# Boingo Wi-fi (works w/ iPod Touch) $9.95/month



## khummsein (Sep 12, 2003)

Hi,

Just found this and thought it might be useful for iPod Touch owners (works for laptops too):

Follow the directions here, and Boingo Wireless Unlimited is 9.95/month for "unlimited" (3000 minutes) access -- including the downtown Toronto "One Zone", and Bell "Hotspot" locations. Usual price is 22.95/month.

Even better deal for those who travel to the US a lot, because you can use your minutes at any Boingo spot in North America (but outside North America is expensive!!).

NOTE: Rogers Wireless customers have some other options, notably a $4 per month subscription which gives you 90 minutes. This won't work with One Zone, but there are many sites. Might be a better option if you're already with Rogers.


----------



## fyrefly (Apr 16, 2005)

Great Deal! I'm using Boingo right now for a 3-month introductory rate of $9.95, but getting it for $9.95 permanently would be amazing!


----------



## magnuscanadiana (Jun 26, 2007)

I'm actually in the Louisville,KY airport right now using my iPhone on boingo. It allows for 15 minutes free for every 15 second ad you watch


----------



## Oakbridge (Mar 8, 2005)

I've been using Boingo for 7 months now. It is available in almost every airport in North America, as well as most Starbucks in Canada that have the Bell Hotspot. If you are a Boingo customer and you're in a Bell Hotspot, choose cellular, other cellular and Boingo is listed below the wireless options.


----------



## kloan (Feb 22, 2002)

I really wish companies would stop using the word "unlimited" when it's NOT.

3000 minutes = 50 hours. I dunno, I could see that getting eaten up pretty quick by those cafe dwellers...
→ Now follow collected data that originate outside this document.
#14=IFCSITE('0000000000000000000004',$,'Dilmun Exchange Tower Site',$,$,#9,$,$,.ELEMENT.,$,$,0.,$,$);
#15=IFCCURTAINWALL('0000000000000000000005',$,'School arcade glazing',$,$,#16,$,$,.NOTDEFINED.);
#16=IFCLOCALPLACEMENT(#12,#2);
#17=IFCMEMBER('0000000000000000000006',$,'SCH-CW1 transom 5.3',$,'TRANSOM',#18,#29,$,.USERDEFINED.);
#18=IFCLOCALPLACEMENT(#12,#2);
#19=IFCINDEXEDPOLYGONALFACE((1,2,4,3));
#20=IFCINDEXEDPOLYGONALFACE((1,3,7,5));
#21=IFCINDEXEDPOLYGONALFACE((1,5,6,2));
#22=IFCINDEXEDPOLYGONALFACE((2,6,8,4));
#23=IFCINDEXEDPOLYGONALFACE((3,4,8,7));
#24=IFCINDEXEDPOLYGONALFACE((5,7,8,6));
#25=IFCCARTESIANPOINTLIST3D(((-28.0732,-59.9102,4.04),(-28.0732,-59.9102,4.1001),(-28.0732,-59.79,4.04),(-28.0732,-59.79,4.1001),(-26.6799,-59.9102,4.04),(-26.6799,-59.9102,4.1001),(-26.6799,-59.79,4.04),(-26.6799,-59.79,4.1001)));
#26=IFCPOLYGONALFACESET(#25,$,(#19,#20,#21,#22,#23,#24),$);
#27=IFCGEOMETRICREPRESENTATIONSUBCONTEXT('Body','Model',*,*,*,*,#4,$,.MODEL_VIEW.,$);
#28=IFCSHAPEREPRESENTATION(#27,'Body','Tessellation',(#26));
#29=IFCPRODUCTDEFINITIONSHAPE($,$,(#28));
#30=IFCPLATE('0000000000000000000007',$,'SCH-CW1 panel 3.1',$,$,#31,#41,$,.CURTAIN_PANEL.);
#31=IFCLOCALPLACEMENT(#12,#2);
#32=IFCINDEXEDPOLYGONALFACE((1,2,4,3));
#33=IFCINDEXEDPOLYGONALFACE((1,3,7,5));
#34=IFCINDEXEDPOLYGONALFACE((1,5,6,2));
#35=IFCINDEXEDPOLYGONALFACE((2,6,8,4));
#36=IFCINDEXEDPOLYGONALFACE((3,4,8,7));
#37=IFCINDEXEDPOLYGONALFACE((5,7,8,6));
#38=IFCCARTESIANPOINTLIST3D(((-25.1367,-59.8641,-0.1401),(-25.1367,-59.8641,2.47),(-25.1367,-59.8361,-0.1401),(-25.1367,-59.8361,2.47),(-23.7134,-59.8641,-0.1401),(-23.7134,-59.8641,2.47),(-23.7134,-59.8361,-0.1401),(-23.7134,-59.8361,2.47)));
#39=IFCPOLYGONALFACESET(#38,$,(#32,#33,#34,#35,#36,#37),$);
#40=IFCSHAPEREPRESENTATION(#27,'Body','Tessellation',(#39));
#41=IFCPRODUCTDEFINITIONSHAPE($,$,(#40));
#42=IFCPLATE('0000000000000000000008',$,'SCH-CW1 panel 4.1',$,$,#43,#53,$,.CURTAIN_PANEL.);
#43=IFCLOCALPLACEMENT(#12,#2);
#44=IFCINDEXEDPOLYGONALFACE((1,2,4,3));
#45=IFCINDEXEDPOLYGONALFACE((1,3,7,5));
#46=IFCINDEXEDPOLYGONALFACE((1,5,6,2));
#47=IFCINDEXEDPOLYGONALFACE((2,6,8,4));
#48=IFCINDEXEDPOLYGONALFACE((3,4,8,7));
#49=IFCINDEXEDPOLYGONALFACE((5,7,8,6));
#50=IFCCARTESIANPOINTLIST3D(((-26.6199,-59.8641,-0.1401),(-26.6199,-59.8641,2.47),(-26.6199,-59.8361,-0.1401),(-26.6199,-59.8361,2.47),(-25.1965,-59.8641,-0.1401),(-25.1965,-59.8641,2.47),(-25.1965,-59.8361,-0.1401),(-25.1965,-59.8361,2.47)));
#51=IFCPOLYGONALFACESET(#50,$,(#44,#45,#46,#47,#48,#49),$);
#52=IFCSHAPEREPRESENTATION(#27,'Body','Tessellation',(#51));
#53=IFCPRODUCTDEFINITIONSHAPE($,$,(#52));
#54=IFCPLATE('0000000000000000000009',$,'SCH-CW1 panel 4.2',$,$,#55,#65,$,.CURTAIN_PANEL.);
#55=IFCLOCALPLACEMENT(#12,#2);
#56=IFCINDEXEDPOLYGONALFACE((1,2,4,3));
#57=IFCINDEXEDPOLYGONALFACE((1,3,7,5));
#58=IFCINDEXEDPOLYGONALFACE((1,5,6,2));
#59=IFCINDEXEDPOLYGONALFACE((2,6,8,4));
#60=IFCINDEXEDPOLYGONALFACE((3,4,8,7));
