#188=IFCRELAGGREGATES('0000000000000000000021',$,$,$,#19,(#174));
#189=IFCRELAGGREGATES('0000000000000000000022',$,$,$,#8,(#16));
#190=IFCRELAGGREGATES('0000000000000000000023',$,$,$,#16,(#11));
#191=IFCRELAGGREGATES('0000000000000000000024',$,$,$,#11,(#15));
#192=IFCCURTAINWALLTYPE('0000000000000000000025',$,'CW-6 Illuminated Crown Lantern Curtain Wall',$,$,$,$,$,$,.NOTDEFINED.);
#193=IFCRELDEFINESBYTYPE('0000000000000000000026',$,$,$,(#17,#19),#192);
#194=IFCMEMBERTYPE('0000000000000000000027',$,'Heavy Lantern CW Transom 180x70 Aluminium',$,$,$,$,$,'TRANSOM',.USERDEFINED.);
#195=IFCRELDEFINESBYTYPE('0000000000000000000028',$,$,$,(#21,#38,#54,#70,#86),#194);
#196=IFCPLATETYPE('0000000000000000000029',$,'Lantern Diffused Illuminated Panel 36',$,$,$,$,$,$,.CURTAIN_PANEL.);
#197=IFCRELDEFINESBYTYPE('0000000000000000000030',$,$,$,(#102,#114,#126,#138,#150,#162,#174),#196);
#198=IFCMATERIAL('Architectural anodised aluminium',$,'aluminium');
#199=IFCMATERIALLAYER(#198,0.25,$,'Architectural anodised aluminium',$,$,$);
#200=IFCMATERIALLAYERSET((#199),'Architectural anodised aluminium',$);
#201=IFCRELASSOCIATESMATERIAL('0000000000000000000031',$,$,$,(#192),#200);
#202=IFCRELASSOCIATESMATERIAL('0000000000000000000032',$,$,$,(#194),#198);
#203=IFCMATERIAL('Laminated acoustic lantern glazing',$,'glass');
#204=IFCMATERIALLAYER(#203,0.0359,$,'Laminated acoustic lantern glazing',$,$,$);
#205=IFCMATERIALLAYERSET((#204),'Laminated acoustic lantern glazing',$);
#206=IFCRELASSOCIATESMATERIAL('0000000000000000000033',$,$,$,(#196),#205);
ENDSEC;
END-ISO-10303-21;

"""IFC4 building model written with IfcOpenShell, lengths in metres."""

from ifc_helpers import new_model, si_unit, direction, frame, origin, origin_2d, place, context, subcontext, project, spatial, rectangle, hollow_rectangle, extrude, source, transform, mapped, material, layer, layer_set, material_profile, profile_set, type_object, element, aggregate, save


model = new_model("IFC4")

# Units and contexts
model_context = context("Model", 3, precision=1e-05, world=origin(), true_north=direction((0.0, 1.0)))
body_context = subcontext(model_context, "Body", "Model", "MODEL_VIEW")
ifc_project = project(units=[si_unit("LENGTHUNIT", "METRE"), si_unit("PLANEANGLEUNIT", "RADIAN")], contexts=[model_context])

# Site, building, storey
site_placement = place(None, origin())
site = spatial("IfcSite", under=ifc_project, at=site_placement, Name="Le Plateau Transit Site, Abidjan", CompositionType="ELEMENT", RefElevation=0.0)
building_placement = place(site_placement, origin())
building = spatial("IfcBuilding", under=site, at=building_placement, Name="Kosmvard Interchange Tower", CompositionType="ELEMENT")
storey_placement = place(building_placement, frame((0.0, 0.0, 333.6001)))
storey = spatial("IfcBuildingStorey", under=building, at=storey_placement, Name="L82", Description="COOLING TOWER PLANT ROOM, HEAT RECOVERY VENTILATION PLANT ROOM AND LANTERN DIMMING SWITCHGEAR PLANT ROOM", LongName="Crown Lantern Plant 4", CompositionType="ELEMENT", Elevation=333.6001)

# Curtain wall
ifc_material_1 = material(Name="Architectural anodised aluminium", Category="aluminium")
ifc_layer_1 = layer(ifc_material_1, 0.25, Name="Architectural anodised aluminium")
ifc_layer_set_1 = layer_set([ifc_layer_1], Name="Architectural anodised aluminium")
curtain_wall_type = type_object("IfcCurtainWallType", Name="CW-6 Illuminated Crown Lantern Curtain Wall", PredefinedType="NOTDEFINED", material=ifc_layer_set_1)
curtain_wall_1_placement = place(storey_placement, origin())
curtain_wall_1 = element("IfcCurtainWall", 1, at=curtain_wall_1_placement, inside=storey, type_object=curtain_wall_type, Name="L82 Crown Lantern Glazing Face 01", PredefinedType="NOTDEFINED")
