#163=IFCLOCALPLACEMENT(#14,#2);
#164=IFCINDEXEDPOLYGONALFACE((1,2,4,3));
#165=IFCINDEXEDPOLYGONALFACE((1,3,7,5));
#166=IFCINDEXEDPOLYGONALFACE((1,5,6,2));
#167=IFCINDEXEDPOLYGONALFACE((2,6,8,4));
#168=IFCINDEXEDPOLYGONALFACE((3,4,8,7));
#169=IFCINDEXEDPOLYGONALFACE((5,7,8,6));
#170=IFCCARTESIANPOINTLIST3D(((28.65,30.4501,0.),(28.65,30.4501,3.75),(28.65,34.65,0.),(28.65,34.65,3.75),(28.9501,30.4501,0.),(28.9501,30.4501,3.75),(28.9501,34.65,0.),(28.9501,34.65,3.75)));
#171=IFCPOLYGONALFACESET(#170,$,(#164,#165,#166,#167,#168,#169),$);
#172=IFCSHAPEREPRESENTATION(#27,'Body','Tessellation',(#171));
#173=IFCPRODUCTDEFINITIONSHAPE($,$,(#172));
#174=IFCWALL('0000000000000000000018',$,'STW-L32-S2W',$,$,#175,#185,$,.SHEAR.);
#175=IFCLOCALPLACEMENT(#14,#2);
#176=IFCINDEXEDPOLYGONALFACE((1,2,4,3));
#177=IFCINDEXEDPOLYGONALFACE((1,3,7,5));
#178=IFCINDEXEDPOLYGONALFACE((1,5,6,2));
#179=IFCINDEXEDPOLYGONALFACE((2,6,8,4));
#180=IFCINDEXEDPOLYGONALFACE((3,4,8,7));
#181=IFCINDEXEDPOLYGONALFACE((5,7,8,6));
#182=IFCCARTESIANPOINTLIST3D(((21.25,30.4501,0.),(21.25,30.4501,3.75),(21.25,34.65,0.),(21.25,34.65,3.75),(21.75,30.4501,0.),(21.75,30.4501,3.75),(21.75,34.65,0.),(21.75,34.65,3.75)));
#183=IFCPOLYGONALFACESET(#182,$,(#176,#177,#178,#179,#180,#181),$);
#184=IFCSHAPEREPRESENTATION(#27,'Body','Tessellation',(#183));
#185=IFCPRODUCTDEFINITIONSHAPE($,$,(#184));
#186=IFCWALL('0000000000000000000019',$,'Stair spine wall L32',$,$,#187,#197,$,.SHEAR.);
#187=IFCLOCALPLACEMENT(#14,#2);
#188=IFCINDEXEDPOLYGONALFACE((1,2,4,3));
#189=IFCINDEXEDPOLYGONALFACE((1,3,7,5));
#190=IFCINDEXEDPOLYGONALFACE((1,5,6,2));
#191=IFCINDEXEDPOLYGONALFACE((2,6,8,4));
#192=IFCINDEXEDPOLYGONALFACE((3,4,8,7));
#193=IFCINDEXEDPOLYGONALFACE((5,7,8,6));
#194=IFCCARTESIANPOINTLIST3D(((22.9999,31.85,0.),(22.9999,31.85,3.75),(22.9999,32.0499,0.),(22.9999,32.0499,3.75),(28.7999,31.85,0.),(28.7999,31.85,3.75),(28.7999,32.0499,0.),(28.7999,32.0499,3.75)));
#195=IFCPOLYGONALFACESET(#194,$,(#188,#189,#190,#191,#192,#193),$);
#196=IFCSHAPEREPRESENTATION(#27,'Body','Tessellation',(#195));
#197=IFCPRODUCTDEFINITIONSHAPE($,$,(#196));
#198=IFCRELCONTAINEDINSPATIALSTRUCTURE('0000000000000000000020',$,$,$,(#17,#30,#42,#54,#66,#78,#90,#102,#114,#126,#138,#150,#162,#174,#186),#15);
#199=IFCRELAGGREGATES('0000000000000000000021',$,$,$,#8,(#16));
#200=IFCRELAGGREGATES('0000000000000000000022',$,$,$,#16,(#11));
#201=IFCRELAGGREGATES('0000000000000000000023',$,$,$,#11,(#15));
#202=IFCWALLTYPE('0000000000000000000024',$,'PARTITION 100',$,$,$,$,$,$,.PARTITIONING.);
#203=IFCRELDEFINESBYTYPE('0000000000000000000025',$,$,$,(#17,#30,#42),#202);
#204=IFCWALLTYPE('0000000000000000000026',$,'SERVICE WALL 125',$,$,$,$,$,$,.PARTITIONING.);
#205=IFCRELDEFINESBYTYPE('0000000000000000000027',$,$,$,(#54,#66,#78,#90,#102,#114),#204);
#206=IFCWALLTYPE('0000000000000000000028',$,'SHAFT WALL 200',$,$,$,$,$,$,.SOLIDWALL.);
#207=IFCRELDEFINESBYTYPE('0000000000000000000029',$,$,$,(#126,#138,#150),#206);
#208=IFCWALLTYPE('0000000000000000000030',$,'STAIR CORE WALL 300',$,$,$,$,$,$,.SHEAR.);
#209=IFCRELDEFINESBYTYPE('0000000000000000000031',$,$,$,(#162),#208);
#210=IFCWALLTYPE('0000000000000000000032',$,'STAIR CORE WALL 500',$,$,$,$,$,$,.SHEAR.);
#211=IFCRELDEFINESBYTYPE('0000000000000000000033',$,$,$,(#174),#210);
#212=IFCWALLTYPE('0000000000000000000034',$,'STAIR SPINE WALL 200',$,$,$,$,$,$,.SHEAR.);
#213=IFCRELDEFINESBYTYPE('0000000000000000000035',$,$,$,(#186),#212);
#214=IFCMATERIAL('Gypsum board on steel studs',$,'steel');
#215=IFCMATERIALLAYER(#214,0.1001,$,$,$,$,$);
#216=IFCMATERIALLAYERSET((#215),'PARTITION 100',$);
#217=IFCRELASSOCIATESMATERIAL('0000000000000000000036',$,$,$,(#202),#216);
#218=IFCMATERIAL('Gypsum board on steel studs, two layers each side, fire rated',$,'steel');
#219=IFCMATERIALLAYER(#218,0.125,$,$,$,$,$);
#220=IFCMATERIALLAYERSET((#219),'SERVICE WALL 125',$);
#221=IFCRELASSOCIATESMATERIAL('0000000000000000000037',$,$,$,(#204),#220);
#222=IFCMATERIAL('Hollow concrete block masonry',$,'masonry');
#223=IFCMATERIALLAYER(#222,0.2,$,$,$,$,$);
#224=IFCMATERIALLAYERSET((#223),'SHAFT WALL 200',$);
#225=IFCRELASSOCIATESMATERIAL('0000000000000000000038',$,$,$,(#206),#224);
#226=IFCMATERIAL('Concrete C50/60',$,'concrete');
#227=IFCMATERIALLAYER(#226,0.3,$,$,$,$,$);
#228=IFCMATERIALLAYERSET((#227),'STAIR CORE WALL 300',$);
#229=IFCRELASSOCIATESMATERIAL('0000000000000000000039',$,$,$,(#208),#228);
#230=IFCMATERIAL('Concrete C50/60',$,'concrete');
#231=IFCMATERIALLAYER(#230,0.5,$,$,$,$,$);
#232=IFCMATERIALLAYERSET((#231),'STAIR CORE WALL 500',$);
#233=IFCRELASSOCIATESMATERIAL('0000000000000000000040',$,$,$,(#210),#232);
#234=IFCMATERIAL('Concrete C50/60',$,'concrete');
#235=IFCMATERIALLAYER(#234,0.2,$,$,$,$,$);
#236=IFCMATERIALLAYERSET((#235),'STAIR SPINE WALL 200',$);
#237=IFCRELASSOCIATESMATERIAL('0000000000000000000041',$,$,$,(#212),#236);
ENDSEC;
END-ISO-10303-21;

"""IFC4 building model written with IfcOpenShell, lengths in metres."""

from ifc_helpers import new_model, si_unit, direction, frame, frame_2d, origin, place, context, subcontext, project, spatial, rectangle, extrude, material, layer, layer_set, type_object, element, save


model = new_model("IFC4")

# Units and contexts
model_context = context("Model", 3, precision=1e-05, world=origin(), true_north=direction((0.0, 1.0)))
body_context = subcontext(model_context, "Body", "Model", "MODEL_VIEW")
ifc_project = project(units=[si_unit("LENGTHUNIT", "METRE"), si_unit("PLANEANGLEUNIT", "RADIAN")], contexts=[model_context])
But $10 seems like a pretty decent price for 50 hours nonetheless.


----------



## lreynolds (Dec 28, 2005)

I just signed up for my wife. She works downtown TO and sports a Touch. She was actually considering Bell or OneZone, so this is a great deal compared to those. Less than half the price and you get both Bell and OneZone.


----------



## champcar (Aug 29, 2007)

If it works for Touch would it work for Iphone also?? Is it just a password you enter?


----------



## imachungry (Sep 19, 2004)

Thanks khummsein!

Just signed up using the promo code. 
:clap:


----------



## miniphone (Jul 24, 2008)

khummsein said:


> Hi,
> NOTE: Rogers Wireless customers have some other options, notably a $4 per month subscription which gives you 90 minutes. This won't work with One Zone, but there are many sites. Might be a better option if you're already with Rogers.



$4 per month with Rogers, do you need a voice plan to get this rate?


----------



## khummsein (Sep 12, 2003)

Quick note: Apparently the last day of the deal is today (July 31).

Also, if anyone's having trouble logging into One Zone with your Boingo account, turn off javascript in Safari log in, then you can turn it back on later.



champcar said:


> If it works for Touch would it work for Iphone also?? Is it just a password you enter?


It should work, but careful if you don't have a data plan or your cell data blocked -- I think it'll fall back to edge/3g if the connection's too weak (=$$$). Also, iPhones have free access @ Rogers hotspots till at least the end of this year.



miniphone said:


> $4 per month with Rogers, do you need a voice plan to get this rate?


I think so. Rogers.com - Hotspot


----------



## imachungry (Sep 19, 2004)

I can't seem to log into onezone using my boingo login. 

I also tried Bell's access points at Starbucks and it didn't work. Am I missing something?

The Boingo tech support was absolutely useless (she asked me what version of windows I was running on my iphone. Really. )


----------



## PierreB (Mar 5, 2007)

*Boingo and iPhone*



khummsein said:


> Quick note: Apparently the last day of the deal is today (July 31).
> 
> Also, if anyone's having trouble logging into One Zone with your Boingo account, turn off javascript in Safari log in, then you can turn it back on later.
> 
> ...



How can it work - do you use safari or do you need to download an application.


----------



## fyrefly (Apr 16, 2005)

imachungry said:


> I can't seem to log into onezone using my boingo login.


I use boingo on the onezone all the time. On the iPhone it's tricky 'cause it tries to reload the page and Safari gets cranky when you select "boingo users" from the drop down menu. 

I've never tried the Javascript trick posted earlier in this thread, but I can see it working. (Good Tip, btw. Thanks!)



imachungry said:


> I also tried Bell's access points at Starbucks and it didn't work. Am I missing something?


I use the bell hotspot on my laptop at starbucks all the time with Boingo. Make sure you click on the wireless carriers login, and there's a boingo login underneath the Bell, Telus, Fido, Rogers logos on that page.



imachungry said:


> The Boingo tech support was absolutely useless (she asked me what version of windows I was running on my iphone. Really. )


The OneZone support people are just as bad. They had no idea how to support a mac.


----------